Whether an attorney can be an independent contractor and a partner in a law firm is a complex issue that depends on various factors. The classification of a worker as an independent contractor or employee has legal, tax, and ethical implications, and misclassification can result in penalties and litigation. The determination of whether an attorney is an independent contractor or employee depends on the specific facts of each case and the laws of the state, with tests like the ABC test and the Borello test providing criteria for classification. Ethical considerations, such as conflicts of interest and duty of loyalty, also come into play when attorneys work with multiple firms.

Characteristics Values
Nature of the employment relationship The IRS considers several factors to determine whether an individual is an employee or an independent contractor.

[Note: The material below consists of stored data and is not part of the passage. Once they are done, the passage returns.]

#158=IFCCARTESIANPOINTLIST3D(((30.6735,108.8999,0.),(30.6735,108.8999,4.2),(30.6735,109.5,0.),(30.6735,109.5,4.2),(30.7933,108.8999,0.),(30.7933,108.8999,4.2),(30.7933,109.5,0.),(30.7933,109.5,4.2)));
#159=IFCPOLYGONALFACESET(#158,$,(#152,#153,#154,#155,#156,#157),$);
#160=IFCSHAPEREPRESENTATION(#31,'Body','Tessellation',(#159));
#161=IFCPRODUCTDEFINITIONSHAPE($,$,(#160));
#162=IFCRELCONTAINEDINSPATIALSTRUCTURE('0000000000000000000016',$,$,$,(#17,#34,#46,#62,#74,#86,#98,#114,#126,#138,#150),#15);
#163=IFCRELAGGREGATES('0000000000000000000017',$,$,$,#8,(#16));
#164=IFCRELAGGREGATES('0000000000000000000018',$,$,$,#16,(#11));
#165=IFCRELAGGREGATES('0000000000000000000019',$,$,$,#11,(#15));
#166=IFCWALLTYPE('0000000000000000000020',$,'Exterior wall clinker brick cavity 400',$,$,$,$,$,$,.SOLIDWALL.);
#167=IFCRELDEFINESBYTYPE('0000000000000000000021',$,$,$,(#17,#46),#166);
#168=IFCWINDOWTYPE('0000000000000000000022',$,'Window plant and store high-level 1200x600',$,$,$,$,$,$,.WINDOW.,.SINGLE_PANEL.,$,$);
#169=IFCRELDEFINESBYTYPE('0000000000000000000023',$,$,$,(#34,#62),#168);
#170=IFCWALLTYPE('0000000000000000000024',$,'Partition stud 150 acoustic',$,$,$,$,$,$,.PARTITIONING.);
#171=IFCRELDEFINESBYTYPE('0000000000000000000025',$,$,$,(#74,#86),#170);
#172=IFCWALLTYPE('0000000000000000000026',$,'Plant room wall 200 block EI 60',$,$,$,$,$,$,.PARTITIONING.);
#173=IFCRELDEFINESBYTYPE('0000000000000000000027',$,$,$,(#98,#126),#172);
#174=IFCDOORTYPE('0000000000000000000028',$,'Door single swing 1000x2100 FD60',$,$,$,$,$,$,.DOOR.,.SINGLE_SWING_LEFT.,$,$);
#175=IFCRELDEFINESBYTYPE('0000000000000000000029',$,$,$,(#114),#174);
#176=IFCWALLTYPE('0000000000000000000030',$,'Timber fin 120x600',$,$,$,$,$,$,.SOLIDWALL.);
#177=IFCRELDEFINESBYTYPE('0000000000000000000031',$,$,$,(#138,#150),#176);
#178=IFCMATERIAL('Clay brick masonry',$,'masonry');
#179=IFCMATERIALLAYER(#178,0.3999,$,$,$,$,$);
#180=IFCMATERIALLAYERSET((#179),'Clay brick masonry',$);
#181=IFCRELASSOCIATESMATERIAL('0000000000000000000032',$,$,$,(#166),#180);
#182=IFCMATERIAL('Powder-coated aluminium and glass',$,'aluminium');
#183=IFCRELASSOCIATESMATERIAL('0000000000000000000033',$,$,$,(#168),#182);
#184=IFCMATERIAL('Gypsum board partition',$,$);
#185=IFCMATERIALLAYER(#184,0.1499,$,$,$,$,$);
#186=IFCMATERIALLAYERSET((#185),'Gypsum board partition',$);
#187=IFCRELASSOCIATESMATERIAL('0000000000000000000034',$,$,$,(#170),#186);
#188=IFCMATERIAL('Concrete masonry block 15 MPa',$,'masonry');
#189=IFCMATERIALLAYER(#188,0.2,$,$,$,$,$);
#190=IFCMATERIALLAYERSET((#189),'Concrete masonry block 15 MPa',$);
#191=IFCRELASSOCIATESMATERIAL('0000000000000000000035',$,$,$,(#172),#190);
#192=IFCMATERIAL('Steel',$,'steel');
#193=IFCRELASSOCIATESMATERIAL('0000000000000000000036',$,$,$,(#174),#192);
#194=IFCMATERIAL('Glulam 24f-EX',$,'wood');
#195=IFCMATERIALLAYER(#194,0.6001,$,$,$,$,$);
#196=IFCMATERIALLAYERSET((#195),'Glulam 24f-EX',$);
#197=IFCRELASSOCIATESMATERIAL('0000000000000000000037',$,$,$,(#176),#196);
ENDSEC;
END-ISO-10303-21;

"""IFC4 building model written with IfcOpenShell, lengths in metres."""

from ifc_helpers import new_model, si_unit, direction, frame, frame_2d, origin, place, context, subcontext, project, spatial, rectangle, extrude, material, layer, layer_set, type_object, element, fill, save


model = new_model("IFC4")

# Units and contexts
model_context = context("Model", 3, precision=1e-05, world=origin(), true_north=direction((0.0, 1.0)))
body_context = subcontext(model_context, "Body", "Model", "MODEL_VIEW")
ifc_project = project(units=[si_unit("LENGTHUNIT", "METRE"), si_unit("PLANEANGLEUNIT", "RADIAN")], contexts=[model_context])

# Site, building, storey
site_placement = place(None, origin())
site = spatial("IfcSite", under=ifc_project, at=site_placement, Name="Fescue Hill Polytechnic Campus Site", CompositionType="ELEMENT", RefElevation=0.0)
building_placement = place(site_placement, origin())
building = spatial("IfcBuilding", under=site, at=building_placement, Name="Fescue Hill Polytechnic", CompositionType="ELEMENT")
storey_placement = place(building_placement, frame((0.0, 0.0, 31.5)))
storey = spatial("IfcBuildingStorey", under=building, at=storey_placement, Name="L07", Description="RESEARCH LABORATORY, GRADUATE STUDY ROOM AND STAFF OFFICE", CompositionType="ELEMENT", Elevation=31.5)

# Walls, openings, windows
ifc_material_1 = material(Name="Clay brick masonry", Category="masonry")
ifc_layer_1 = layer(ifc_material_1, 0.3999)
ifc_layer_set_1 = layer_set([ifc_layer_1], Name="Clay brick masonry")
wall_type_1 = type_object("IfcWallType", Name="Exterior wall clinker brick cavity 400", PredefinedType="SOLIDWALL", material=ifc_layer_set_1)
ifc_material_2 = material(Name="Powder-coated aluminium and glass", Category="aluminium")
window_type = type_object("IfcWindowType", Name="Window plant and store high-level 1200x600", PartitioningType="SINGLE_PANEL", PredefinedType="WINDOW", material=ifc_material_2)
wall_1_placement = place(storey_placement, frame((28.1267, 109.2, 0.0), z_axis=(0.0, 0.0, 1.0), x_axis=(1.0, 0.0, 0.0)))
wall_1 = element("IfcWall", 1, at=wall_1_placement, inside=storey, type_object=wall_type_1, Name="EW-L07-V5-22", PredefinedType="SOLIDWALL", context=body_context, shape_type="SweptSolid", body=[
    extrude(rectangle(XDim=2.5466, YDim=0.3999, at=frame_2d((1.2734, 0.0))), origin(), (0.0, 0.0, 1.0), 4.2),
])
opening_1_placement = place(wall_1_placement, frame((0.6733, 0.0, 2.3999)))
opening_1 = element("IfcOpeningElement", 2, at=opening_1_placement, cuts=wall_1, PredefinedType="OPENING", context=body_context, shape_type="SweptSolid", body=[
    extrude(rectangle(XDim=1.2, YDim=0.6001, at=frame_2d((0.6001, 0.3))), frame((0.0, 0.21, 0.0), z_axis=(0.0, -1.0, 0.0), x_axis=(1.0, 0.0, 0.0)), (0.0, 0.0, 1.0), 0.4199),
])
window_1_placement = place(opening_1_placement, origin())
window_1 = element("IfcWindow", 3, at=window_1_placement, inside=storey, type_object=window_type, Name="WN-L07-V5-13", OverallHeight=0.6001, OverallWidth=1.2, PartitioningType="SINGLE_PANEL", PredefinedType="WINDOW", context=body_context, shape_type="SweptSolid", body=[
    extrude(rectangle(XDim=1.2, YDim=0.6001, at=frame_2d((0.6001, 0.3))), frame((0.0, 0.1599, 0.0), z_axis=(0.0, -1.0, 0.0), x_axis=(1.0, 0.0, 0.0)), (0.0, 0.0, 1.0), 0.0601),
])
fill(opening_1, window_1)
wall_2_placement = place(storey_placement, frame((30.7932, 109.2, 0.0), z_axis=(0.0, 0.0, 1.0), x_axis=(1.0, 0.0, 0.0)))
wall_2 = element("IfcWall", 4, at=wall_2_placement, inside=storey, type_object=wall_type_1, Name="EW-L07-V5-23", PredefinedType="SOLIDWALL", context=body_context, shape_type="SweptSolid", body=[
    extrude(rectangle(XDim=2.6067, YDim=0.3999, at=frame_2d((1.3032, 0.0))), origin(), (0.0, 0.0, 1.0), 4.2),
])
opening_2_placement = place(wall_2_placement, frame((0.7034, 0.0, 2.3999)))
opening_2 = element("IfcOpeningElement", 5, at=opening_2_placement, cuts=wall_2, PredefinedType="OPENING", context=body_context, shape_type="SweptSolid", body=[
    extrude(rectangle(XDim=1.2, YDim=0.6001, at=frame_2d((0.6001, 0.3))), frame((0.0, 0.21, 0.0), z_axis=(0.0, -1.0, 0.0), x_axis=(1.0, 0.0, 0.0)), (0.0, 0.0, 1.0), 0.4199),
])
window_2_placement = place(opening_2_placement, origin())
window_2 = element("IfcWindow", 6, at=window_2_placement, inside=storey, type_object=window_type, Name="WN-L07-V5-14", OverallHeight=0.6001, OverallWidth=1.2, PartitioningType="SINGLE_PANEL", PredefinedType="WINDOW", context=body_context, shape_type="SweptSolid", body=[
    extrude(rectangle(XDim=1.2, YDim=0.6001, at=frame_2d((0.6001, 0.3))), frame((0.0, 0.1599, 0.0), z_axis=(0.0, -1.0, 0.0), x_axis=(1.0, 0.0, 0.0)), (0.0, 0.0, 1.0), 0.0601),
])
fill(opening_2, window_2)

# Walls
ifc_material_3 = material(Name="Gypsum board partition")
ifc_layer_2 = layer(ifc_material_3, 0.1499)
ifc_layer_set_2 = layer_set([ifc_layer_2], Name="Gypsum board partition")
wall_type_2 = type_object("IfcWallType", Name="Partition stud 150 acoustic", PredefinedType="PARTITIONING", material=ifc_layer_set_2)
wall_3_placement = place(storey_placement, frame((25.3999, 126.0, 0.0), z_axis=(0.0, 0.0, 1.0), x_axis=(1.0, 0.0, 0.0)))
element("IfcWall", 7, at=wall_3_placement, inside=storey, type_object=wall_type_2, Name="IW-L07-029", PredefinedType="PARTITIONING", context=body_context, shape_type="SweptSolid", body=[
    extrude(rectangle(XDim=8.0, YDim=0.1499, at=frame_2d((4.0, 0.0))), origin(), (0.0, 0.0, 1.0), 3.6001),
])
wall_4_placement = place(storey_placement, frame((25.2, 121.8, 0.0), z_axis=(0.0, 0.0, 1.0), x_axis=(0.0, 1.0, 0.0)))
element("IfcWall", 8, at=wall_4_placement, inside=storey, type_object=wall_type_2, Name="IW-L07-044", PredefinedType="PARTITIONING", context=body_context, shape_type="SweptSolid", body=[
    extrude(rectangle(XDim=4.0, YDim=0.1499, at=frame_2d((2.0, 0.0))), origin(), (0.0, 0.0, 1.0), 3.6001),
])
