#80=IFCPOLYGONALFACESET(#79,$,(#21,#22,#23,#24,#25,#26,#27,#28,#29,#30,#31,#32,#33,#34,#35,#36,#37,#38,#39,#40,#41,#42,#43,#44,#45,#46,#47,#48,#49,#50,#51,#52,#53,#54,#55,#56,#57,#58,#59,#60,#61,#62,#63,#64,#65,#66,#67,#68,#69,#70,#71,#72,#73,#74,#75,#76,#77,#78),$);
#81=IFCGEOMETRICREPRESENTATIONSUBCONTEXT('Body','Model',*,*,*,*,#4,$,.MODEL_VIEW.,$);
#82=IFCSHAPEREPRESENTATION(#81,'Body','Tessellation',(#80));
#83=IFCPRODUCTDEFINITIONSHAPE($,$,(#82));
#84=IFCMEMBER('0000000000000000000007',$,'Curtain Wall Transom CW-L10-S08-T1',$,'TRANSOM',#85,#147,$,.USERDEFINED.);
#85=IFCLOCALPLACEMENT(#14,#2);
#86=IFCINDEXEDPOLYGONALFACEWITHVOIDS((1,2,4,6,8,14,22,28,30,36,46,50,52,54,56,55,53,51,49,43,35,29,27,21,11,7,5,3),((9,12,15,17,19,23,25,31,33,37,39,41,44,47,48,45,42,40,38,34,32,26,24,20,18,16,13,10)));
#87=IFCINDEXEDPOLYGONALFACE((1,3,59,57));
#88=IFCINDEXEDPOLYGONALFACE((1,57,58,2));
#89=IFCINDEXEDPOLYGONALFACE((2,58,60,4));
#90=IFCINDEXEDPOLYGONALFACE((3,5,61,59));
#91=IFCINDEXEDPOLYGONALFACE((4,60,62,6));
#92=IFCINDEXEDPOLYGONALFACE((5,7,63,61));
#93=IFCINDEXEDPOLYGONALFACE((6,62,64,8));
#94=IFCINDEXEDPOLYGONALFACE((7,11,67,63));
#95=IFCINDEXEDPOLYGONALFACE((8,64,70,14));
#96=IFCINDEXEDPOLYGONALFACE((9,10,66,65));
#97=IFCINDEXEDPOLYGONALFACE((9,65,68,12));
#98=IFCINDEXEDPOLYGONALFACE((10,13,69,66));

Degree of control An independent contractor decides the "result of the work" and how it will be done. An employee's work is controlled and directed by the employer.

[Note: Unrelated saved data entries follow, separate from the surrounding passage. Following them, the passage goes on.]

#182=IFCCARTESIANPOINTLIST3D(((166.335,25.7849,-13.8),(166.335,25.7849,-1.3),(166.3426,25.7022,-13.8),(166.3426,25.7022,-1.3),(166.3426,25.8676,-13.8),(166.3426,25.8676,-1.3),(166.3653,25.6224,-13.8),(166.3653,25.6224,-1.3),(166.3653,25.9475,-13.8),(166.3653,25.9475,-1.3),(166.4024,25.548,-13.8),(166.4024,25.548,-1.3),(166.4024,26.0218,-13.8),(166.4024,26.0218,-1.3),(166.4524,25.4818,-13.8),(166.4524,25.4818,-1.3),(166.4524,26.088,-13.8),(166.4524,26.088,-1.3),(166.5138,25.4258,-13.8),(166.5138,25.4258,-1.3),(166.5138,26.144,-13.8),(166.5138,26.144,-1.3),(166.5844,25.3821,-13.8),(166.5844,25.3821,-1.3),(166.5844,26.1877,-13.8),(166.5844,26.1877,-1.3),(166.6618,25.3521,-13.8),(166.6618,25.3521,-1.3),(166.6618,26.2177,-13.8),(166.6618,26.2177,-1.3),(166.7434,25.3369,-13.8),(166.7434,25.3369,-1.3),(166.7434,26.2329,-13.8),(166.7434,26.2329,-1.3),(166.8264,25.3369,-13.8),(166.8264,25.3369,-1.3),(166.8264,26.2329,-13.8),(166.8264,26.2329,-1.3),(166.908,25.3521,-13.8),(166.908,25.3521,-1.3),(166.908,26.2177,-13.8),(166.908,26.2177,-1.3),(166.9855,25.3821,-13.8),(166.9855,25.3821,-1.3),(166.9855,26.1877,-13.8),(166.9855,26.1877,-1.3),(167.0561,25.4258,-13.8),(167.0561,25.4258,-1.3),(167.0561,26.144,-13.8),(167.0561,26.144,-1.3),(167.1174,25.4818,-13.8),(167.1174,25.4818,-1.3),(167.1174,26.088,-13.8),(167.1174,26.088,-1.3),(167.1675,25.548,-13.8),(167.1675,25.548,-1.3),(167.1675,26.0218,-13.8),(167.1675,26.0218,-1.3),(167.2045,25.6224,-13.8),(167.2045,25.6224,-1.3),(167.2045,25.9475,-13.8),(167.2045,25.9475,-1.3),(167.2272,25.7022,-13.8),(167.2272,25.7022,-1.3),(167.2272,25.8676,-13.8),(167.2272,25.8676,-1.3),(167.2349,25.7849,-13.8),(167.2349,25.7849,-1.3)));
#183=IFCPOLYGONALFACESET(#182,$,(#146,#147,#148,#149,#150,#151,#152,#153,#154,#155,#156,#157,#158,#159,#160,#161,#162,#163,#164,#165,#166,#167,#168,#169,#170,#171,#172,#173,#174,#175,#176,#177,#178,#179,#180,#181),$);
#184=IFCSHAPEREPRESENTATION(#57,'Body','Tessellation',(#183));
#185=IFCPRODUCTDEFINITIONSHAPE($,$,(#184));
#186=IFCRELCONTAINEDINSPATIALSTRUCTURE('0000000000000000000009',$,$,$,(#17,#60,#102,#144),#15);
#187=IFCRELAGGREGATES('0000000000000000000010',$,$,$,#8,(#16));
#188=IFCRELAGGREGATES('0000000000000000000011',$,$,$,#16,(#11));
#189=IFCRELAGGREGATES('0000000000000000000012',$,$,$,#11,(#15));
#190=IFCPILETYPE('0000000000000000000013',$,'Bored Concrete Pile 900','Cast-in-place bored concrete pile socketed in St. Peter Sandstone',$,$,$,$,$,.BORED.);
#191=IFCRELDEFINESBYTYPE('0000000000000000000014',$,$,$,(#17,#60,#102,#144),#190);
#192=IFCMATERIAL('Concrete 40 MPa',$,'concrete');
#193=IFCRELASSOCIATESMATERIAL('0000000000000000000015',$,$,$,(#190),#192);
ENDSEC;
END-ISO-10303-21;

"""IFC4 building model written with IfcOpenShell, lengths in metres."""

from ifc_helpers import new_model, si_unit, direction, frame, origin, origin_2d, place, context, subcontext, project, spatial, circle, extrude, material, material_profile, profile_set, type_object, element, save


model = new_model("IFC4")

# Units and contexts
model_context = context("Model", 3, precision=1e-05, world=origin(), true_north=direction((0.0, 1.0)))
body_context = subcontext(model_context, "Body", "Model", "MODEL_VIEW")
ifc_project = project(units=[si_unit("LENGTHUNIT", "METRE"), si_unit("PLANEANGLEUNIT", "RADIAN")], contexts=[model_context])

Employment taxes Earnings of an independent contractor are subject to self-employment tax. An employee's earnings may be subject to FICA (social security and Medicare tax) and income tax withholding.
Forms Payments to independent contractors are reported on Form 1099-NEC. Employees' earnings are reported on Form W-2.
Equity ownership Law partners are often equity owners of a law firm and are not considered independent contractors.
Employment protection Only "employees" are protected under the WLAD and federal employment discrimination acts (e.g., ADA, ADEA). Law partners are not protected against wrongful termination due to discrimination.
Ethical and loyalty issues Working simultaneously as an attorney and an independent contractor for another company may raise ethical and loyalty issues.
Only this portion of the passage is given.